I am at the edge of the village watching the celebrations, and a feeling of isolation and loneliness overwhelms me. These people are not my people. I don’t know who my people are. I don’t know who I am. All I know about myself is this: I woke up in a forest clearing almost buried beneath leaves and dirt, and I have no memory of anything that came before, or why I was there. I had no injury, no clothes, no possessions. The nails of my hands were long, as if I had left them untended and unused for a month. My skin was soft, like that of a newborn child, and my hair long. I was lean and unfed, but healthy.
I left that place, begged and stole until I was shod, clothed, and less hungry, and began walking. To where, or for what reason, I know not, but I am haunted by visions of decay, of burial, of rotting in the ground and being eaten by worms. In these dreams I am transformed into something without flesh that is everywhere and nowhere at the same time, stretched into a skein of glowing thread deep within the soil, and it is at these moments that I hear the gods of the soil speak to me. I wish I knew what they were saying.
I walked to show myself that I am alive, and vital. I walked in the hope of finding a wise one who could touch my forehead and explain my past. I walked in the hope of finding someone who recognises me as one of their own, someone who would take me into their arms and call me brother.

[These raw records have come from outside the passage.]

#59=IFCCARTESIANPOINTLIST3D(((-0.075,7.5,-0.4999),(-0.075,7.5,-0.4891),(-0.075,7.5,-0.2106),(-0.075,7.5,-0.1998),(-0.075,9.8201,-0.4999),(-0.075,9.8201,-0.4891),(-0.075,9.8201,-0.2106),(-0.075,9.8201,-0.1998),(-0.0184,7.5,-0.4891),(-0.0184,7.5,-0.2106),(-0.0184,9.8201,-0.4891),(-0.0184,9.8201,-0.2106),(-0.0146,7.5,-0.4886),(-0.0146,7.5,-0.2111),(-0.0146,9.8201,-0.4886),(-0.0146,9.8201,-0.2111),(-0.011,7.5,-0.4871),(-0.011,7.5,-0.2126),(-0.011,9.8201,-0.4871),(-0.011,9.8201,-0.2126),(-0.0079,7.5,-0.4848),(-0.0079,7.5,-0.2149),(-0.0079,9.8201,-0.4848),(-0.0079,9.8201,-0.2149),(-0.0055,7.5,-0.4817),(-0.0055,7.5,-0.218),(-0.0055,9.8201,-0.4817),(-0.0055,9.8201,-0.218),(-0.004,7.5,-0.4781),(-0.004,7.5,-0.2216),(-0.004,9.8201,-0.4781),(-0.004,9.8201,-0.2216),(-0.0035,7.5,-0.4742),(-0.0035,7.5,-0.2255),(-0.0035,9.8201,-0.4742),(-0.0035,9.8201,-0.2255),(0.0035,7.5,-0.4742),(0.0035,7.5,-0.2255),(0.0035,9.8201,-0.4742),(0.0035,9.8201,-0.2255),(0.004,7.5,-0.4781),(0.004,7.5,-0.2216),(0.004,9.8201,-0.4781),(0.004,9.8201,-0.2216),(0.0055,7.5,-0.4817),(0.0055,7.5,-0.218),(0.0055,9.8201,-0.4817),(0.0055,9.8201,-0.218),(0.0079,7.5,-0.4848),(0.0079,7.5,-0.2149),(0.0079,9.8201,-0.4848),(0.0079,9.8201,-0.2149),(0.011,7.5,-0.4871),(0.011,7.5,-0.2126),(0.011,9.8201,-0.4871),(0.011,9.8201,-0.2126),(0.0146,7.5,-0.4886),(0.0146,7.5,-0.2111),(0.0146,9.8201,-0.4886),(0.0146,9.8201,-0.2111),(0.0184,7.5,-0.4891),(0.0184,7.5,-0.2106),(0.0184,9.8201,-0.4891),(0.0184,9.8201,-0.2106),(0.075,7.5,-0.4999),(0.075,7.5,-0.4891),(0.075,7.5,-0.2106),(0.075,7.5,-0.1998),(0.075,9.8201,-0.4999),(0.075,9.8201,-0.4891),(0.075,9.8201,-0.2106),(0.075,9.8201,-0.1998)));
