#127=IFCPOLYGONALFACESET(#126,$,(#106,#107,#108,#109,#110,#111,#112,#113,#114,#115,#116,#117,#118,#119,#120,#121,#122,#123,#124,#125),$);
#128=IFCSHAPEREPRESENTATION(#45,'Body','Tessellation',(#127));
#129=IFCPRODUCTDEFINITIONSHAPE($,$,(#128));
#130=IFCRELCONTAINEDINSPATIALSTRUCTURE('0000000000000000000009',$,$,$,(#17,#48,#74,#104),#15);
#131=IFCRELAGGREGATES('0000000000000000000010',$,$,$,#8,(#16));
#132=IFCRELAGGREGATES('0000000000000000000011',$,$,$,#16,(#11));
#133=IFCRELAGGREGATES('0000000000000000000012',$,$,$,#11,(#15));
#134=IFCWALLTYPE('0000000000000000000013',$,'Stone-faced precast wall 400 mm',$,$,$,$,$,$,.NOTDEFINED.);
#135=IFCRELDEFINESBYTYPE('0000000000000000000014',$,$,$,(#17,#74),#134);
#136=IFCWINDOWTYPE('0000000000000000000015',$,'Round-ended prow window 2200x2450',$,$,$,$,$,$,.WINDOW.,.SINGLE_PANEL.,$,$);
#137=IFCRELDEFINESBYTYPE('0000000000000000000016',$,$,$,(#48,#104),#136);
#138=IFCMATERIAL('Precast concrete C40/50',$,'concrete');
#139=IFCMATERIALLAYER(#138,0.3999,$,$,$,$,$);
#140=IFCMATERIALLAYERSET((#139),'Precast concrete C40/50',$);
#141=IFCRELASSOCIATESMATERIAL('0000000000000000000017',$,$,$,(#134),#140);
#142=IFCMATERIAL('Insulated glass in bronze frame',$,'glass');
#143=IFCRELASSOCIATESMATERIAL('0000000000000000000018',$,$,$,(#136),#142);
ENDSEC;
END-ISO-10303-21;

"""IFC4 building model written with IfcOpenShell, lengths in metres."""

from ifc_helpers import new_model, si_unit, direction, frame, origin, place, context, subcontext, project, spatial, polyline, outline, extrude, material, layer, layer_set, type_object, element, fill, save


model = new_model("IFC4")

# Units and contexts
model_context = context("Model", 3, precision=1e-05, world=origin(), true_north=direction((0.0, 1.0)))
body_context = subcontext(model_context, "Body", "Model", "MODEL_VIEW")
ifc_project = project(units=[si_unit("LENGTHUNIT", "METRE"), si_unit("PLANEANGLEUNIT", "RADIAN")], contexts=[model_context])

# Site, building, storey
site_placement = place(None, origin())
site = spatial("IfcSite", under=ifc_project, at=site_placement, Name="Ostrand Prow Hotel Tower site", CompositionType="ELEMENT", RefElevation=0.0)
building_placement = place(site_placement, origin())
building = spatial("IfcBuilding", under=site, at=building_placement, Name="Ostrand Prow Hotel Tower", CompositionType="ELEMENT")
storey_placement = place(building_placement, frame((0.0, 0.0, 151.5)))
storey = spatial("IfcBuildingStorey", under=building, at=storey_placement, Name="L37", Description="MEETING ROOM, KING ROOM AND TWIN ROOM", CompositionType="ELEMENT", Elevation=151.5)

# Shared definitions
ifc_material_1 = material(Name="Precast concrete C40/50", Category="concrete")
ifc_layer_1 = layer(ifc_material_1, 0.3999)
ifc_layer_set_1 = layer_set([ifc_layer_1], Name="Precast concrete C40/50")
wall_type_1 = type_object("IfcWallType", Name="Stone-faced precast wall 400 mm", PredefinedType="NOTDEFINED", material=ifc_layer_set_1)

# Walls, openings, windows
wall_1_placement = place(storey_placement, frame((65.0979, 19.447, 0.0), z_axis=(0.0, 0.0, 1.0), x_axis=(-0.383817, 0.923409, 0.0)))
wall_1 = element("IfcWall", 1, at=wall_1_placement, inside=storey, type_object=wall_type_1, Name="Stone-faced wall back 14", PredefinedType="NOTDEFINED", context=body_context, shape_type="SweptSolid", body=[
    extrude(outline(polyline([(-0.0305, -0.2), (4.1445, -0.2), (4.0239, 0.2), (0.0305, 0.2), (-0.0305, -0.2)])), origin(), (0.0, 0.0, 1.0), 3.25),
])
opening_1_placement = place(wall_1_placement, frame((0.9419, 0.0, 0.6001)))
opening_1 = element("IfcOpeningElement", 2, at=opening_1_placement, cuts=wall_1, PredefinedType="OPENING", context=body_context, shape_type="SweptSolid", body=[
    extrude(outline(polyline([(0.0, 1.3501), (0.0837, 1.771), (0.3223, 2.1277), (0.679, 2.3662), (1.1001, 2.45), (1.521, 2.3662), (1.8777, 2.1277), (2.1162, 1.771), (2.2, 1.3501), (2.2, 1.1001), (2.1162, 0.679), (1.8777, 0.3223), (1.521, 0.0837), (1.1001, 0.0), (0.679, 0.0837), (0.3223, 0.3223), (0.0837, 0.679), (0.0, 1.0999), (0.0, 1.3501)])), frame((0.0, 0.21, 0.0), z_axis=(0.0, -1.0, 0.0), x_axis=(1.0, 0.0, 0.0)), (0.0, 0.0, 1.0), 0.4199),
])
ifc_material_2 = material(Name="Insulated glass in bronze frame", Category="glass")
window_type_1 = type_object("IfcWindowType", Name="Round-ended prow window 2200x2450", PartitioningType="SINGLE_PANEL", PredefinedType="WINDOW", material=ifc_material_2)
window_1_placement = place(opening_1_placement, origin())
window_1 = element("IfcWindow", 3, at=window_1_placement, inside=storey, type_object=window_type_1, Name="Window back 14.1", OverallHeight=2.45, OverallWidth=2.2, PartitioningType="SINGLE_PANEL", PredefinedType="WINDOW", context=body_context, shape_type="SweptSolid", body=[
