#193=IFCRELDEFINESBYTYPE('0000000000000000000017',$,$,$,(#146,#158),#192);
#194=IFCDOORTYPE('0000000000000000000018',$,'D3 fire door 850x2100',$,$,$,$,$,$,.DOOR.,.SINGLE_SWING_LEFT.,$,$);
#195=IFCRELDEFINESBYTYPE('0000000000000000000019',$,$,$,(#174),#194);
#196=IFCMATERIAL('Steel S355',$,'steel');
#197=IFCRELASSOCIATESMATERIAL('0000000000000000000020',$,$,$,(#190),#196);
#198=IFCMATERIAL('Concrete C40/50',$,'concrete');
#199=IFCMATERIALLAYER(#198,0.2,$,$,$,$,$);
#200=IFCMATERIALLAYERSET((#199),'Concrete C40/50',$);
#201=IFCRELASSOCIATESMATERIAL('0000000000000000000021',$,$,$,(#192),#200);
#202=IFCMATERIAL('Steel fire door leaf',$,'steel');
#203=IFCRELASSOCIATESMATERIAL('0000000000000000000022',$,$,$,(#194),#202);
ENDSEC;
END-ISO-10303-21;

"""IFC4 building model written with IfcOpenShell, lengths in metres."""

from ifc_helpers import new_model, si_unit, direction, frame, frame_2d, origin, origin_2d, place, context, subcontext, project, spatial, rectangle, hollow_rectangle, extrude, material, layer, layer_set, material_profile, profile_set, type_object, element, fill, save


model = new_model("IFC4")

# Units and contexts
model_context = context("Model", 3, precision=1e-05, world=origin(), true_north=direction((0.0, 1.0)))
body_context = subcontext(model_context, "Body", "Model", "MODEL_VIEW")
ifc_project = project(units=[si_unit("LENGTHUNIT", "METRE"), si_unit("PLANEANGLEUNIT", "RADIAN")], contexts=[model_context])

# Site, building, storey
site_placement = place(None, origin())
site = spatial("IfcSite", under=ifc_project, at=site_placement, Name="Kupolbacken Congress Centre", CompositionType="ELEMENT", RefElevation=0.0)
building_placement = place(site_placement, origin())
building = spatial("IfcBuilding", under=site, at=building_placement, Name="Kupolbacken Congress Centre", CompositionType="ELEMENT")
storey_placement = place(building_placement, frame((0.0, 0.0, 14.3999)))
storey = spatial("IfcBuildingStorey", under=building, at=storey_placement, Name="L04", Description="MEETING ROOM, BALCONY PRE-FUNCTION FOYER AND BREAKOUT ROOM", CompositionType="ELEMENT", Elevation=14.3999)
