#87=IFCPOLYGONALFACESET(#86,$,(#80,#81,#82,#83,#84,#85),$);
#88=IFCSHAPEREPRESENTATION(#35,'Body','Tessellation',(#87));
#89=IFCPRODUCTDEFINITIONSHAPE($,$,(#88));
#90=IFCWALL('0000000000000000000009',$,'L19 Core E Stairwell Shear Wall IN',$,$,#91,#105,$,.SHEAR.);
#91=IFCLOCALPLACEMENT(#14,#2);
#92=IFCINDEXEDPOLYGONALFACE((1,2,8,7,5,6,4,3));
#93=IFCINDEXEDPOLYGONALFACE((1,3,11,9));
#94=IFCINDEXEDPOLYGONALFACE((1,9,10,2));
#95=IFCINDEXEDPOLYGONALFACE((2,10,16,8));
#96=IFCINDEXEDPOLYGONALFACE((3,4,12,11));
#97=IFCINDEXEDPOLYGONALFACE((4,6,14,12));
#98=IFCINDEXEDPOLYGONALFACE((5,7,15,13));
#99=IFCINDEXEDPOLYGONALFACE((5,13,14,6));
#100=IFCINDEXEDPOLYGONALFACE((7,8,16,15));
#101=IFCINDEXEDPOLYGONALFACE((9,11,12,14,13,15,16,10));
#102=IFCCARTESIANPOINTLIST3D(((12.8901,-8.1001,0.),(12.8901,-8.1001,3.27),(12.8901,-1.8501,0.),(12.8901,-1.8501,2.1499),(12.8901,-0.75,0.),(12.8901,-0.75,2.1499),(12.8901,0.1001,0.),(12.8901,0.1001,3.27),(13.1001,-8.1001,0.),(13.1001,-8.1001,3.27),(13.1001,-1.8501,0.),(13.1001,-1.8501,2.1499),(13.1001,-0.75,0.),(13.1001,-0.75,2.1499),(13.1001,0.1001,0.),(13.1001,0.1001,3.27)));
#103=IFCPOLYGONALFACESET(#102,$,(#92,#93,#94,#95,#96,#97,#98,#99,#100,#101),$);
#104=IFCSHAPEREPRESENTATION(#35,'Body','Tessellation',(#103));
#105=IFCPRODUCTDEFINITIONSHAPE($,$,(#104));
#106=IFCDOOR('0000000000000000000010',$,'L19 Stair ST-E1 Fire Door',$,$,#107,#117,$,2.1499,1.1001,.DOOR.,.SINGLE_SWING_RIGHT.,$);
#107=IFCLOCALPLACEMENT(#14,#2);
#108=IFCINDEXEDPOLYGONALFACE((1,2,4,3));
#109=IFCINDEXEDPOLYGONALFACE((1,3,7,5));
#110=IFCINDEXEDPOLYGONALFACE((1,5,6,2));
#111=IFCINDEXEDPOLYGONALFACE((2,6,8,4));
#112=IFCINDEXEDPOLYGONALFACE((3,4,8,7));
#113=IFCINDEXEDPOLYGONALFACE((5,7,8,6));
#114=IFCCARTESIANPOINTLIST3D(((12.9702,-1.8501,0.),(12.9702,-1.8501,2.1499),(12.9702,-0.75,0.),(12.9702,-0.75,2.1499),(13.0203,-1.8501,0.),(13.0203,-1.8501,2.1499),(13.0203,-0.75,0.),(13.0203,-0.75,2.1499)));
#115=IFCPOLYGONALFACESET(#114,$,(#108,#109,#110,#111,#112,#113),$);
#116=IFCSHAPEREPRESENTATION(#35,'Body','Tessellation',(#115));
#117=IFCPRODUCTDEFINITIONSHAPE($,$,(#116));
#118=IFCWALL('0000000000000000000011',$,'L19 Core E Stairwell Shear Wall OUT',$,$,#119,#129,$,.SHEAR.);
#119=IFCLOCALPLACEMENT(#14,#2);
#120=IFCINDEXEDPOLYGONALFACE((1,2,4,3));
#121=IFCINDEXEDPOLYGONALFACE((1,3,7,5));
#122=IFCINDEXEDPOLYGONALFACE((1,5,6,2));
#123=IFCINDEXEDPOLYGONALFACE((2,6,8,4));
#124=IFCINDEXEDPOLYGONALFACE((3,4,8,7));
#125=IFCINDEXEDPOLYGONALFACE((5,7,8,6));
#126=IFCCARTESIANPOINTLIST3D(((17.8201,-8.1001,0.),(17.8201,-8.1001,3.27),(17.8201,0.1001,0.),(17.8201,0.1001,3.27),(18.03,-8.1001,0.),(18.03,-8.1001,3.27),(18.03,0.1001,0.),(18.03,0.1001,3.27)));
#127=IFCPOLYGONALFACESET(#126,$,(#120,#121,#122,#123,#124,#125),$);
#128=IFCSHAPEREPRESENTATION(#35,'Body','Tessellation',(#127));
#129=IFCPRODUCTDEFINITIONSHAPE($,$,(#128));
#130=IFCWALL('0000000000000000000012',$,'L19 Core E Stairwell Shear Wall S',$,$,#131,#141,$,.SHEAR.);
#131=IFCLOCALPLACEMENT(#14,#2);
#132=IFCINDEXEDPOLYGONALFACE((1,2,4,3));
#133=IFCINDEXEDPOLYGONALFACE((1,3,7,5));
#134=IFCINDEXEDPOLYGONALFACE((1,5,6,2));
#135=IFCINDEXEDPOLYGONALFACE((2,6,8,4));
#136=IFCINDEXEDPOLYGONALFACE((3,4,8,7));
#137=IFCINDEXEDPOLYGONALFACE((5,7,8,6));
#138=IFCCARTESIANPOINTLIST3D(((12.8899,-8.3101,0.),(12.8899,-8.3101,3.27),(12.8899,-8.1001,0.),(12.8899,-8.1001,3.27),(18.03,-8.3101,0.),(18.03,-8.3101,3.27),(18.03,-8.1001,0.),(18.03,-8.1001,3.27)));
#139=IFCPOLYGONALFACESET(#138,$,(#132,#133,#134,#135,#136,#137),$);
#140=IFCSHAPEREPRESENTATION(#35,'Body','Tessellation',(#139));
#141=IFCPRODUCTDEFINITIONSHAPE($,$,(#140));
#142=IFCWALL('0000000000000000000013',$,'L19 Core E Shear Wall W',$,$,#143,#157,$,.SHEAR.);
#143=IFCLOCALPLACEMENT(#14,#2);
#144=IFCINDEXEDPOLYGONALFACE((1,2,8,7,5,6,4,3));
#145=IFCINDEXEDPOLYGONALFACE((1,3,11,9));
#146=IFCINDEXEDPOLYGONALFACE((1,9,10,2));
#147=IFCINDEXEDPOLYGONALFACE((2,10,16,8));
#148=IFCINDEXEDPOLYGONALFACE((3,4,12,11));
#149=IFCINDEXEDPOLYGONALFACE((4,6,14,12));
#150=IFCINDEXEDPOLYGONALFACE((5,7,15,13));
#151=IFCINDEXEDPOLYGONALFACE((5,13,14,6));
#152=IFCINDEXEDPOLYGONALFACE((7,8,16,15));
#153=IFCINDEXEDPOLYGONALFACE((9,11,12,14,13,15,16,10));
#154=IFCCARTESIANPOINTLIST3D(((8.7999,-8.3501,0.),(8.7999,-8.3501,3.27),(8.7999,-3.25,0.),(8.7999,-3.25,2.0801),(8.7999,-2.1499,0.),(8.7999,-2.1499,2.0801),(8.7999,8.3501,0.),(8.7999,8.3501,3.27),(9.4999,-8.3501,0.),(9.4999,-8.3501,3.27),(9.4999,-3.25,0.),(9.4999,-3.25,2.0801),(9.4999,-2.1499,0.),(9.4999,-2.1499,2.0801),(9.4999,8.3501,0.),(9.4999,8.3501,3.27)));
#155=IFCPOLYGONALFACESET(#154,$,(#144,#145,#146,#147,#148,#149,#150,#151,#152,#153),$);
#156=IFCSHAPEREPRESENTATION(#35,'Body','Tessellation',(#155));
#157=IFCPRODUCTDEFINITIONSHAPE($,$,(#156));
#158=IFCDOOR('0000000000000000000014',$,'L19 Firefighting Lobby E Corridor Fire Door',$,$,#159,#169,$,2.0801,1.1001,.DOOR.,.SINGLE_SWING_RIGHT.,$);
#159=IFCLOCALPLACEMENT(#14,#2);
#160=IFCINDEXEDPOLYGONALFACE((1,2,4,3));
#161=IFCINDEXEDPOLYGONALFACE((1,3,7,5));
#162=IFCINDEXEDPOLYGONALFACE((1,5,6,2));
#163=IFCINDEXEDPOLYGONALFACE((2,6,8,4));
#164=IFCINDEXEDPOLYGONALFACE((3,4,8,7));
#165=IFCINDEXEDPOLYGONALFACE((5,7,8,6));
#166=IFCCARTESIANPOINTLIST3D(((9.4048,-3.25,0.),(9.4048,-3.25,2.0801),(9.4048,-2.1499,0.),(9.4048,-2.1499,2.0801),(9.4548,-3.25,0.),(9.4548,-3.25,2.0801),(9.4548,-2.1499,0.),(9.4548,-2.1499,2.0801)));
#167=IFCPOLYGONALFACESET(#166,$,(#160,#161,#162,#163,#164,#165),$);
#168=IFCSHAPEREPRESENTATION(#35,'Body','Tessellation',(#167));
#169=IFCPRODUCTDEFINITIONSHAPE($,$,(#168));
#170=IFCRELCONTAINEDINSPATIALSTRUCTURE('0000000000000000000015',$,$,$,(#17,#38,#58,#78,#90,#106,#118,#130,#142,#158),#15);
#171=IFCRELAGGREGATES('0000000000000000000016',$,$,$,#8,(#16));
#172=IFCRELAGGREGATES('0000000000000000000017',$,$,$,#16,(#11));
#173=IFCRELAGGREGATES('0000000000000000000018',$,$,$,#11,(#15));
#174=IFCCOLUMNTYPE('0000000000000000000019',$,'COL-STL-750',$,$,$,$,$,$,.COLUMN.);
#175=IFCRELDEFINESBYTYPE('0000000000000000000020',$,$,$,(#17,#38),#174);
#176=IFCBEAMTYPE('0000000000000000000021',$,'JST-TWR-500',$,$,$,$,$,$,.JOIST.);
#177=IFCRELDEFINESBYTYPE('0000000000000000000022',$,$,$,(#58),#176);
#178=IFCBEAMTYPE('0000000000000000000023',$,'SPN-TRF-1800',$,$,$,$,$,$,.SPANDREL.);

My name is not even my own. Toren simply means “outsider” in one of the common Inner Sea languages. It’s the word that the children shouted to the adults when I stumbled into their settlement a few days after emerging from the forest.
I retreat to my upturned boat on the quayside, abandoning the idea of warning the villagers about the nearby warriors. I probably only imagined them anyway. My mind plays tricks on me that I don’t understand. Why should I drag these people into my strangeness? They have left me a meal and a cup of poddick. I will leave them to their lives and the sea. I resolve to depart the next morning.